Arts, Features

REVIEW: Joey Bada$$ is back with bigger, bolder political message

Joey Bada$$ performs the first show of his “Amerikkkana” tour at the Paradise Rock Club Tuesday night. PHOTO COURTESY ALLISON WEAVER

Drawing from his repertoire of early mixtape songs after the debut of his sophomore album “All-Amerikkkan Bada$$,” Brooklyn rapper Joey Bada$$ performed at the Paradise Rock Club Tuesday on the first night of his “Amerikkkana” tour. His openers, Buddy and Dessy Hinds, were given considerable performance time before Joey was goaded onstage by the sold-out crowd who grew increasingly anxious the longer he took to appear.

After his tour cancellation last year, Joey commented that he was taking a break from smoking marijuana, but would be back once he “paid his bills.” His renewed enthusiasm for his music is evident in the production value of his live performance.

Joey’s stage, which featured the trappings of classic Vietnam-era military tchotchkes and a large paisley American flag, played on Americana culture and alluded to his political sensibility. His set included chanting invectives against Donald Trump (notably, at one point he led the crowd in a “F*** Donald Trump” chant) and lyrics in “Land of the Free,” “Obama just wasn’t enough, I need some more closure / And Donald Trump is not equipped to take this country over.”

His flow bounced against the washed-out, kick-drum based texture of several of his songs. He performed a contrasting mixture of sentimental jams and hard-hitting mosh songs, although his sonic aesthetic leans more toward lighter beats. He took pauses between songs to speak to the audience, establishing himself as a playful and easygoing performer.

With a chronological setlist, he began with raps from his first mixtape, “1999,” and performed his freshman album track “Paper Trail$,” which includes a cover of the Wu-Tang Clan hit “C.R.E.A.M.” His retro vibe pulled on socially conscious music of past decades, as if he were a new sort of hippy, a self-appointed American political consciousness.

Although not melodically similar to singers like Bob Dylan and Jimi Hendrix, Joey Bada$$ pulled on the same tradition of music of revolution for his set.

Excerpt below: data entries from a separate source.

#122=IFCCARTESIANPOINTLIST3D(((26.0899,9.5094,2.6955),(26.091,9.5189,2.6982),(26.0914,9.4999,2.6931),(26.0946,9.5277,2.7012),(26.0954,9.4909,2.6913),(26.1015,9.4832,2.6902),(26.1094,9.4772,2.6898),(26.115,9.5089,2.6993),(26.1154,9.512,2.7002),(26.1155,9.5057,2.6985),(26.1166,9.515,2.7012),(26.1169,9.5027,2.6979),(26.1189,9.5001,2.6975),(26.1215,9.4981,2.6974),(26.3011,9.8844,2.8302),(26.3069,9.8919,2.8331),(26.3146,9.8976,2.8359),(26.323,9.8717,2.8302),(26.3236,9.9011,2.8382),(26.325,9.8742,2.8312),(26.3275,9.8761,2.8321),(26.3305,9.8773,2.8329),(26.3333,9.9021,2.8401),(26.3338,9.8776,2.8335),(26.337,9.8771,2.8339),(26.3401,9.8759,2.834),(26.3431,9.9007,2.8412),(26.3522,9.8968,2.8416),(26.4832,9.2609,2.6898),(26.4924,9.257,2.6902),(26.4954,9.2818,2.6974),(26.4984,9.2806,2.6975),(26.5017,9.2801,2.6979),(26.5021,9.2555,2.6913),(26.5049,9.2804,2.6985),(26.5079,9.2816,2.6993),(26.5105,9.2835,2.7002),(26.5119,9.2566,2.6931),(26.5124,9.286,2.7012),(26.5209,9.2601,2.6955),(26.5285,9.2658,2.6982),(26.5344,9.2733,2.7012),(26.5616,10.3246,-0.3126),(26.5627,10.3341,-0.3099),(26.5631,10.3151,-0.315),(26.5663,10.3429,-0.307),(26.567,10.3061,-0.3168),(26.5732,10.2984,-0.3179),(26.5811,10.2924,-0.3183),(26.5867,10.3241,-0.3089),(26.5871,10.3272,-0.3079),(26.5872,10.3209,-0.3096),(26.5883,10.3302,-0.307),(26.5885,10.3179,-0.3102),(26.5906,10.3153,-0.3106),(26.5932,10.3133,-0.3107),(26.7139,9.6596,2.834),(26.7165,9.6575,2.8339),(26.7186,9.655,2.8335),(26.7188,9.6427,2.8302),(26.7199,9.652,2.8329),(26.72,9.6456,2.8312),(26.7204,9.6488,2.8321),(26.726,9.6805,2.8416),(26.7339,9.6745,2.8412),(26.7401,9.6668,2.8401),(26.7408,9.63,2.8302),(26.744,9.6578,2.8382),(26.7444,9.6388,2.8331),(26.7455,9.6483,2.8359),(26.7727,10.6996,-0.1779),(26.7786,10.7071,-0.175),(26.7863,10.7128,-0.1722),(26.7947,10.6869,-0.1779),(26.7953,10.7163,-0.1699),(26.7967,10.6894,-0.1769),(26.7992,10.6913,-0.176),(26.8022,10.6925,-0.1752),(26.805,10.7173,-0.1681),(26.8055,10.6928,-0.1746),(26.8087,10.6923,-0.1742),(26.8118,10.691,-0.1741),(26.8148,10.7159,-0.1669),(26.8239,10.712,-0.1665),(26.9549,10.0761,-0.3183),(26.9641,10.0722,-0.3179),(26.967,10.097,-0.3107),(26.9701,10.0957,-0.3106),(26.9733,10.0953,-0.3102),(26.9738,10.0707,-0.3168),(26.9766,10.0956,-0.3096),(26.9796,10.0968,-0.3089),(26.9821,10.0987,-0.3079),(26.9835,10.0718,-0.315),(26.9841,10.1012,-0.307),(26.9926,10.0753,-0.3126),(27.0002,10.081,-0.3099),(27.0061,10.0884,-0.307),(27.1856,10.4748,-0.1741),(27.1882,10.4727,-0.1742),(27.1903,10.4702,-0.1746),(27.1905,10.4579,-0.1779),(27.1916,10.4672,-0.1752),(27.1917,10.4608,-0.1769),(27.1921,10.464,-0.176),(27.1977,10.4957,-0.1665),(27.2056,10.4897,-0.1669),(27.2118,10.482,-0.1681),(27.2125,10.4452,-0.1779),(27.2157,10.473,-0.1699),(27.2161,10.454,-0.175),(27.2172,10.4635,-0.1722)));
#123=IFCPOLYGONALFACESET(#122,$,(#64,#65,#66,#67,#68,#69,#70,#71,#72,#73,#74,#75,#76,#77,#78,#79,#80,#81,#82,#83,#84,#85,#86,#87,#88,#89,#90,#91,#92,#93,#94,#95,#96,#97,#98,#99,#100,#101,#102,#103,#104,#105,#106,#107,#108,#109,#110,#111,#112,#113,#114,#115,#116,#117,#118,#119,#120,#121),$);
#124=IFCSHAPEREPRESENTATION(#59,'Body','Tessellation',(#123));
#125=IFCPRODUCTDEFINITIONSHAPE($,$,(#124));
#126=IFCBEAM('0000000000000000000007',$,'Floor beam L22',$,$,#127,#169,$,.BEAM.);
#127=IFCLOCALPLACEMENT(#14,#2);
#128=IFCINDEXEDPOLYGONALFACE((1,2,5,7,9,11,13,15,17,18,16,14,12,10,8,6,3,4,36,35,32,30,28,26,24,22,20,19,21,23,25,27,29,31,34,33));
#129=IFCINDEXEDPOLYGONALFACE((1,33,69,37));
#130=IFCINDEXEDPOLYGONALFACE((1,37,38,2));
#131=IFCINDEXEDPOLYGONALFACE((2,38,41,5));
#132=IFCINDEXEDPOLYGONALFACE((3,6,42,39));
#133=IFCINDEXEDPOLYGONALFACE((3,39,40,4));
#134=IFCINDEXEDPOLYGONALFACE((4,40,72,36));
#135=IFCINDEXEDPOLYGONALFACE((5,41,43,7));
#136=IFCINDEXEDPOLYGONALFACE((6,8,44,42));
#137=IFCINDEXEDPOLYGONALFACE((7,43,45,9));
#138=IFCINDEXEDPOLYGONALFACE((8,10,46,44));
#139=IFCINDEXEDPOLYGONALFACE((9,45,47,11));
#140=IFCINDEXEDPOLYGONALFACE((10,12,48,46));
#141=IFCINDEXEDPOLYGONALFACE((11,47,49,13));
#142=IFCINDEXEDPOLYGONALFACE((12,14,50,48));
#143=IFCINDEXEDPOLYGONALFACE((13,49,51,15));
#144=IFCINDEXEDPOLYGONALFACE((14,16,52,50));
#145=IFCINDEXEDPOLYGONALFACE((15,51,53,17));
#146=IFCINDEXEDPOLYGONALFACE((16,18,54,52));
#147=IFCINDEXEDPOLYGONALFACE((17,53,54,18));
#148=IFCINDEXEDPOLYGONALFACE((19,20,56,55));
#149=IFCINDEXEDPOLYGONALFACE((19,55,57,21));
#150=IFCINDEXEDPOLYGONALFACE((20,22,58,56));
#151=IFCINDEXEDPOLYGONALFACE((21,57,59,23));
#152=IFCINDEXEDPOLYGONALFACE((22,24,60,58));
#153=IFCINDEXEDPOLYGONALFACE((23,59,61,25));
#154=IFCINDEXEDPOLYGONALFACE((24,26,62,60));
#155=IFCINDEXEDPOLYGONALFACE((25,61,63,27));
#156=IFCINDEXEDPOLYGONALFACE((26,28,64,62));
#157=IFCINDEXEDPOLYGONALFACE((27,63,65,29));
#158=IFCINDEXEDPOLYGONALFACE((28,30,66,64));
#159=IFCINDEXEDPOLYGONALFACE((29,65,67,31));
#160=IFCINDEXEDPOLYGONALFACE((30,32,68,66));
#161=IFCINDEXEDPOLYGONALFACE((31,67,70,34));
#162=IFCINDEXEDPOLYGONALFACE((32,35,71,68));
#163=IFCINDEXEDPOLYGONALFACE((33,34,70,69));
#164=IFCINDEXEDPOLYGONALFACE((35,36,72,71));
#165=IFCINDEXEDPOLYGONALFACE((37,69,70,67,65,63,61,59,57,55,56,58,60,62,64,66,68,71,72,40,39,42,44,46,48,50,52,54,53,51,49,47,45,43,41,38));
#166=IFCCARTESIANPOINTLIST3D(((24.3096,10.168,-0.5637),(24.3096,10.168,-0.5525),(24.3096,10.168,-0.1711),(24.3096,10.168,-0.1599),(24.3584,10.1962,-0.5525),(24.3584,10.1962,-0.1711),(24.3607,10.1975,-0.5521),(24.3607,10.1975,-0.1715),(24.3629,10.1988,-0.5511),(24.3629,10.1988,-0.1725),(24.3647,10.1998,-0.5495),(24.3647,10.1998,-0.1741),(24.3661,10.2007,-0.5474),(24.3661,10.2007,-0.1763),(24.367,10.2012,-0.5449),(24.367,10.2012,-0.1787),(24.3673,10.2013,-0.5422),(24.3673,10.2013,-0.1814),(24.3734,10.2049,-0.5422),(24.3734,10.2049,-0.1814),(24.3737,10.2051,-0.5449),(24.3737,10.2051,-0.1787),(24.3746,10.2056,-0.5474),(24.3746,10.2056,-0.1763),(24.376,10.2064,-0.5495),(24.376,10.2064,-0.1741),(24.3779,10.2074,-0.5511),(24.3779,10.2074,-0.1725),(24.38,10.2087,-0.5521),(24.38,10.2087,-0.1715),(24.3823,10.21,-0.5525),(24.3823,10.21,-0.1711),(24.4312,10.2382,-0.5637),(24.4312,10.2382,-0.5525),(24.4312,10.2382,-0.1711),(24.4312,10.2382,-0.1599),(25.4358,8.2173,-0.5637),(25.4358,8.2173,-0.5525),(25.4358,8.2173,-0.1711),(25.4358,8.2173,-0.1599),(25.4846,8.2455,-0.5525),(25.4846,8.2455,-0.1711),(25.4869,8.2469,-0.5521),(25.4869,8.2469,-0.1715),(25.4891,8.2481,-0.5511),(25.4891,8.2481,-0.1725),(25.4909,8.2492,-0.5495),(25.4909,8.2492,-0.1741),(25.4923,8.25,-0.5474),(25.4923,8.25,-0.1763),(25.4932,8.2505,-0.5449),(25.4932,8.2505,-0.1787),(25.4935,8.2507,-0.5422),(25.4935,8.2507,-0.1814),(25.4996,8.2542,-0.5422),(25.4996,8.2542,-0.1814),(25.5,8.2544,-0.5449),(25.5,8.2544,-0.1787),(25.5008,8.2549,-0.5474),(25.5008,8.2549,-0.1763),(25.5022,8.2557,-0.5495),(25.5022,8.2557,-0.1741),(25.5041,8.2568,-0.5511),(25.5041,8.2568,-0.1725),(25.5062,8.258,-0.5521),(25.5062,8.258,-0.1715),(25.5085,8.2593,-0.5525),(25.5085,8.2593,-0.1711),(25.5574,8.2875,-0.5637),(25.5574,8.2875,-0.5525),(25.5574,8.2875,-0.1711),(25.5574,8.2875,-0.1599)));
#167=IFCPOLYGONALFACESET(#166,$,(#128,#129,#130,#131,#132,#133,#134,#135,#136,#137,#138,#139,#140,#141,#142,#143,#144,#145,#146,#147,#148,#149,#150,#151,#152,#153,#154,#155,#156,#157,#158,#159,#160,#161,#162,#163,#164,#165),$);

Not all his songs are as heavy, though, and his most popular, “Devastated,” does not veer far past the ring of a rap-pop song. Joey Bada$$ rose to prominence on the merit of his wordplay.

Unlike his earlier hits, which favored rhyme schemes and wit, his current sonic aesthetic is tailored to a more mainstream audience. Like rap classic MF Doom, he favors extreme rhyme schemes and street-wise freestyle feats of mind. That lyricism still exists on his new album, but it has mellowed since his early days.

Born Jo-Vaughn Virginie Scott in Brooklyn to Caribbean parents, Joey Bada$$ established himself as a mainstay of Brooklyn’s Flatbush rap scene.

His first mixtape, which he released when he was 17, became a best ranked album of 2012 by Complex. His Paradise set oscillated between old and new tunes, aggressive rap bangers and “ladies jams,” as he called them.

Toward the end of his set, Joey paused more between songs, breaking up the flow of his concert. His energy looked like it was fading, and his presence appeared a bit detached at times onstage.

Given the range in his setlist, the contrast between his earliest raps and his newest songs was particularly evident. His energy transferred well to the audience, which moshed through almost the entire show.

His evolution from Brooklyn teen rapping on YouTube to adult musician exploring political themes is simply that — an evolution. Joey Bada$$ is ready to emerge from his youth; he’s ready to leave Brooklyn for the world at large. On the first night of his tour, he stage dove into a new crowd of fans, some who knew all the words, others who didn’t.

Joey is best in his natural element (witty word play), but to become a force to rival the acts he opens and writes for, he was going to need a thematic consciousness, which he achieves on “All-Amerikkkan Bada$$.” As Joey emerges from the Brooklyn scene, though, he needs to remember what made him famous.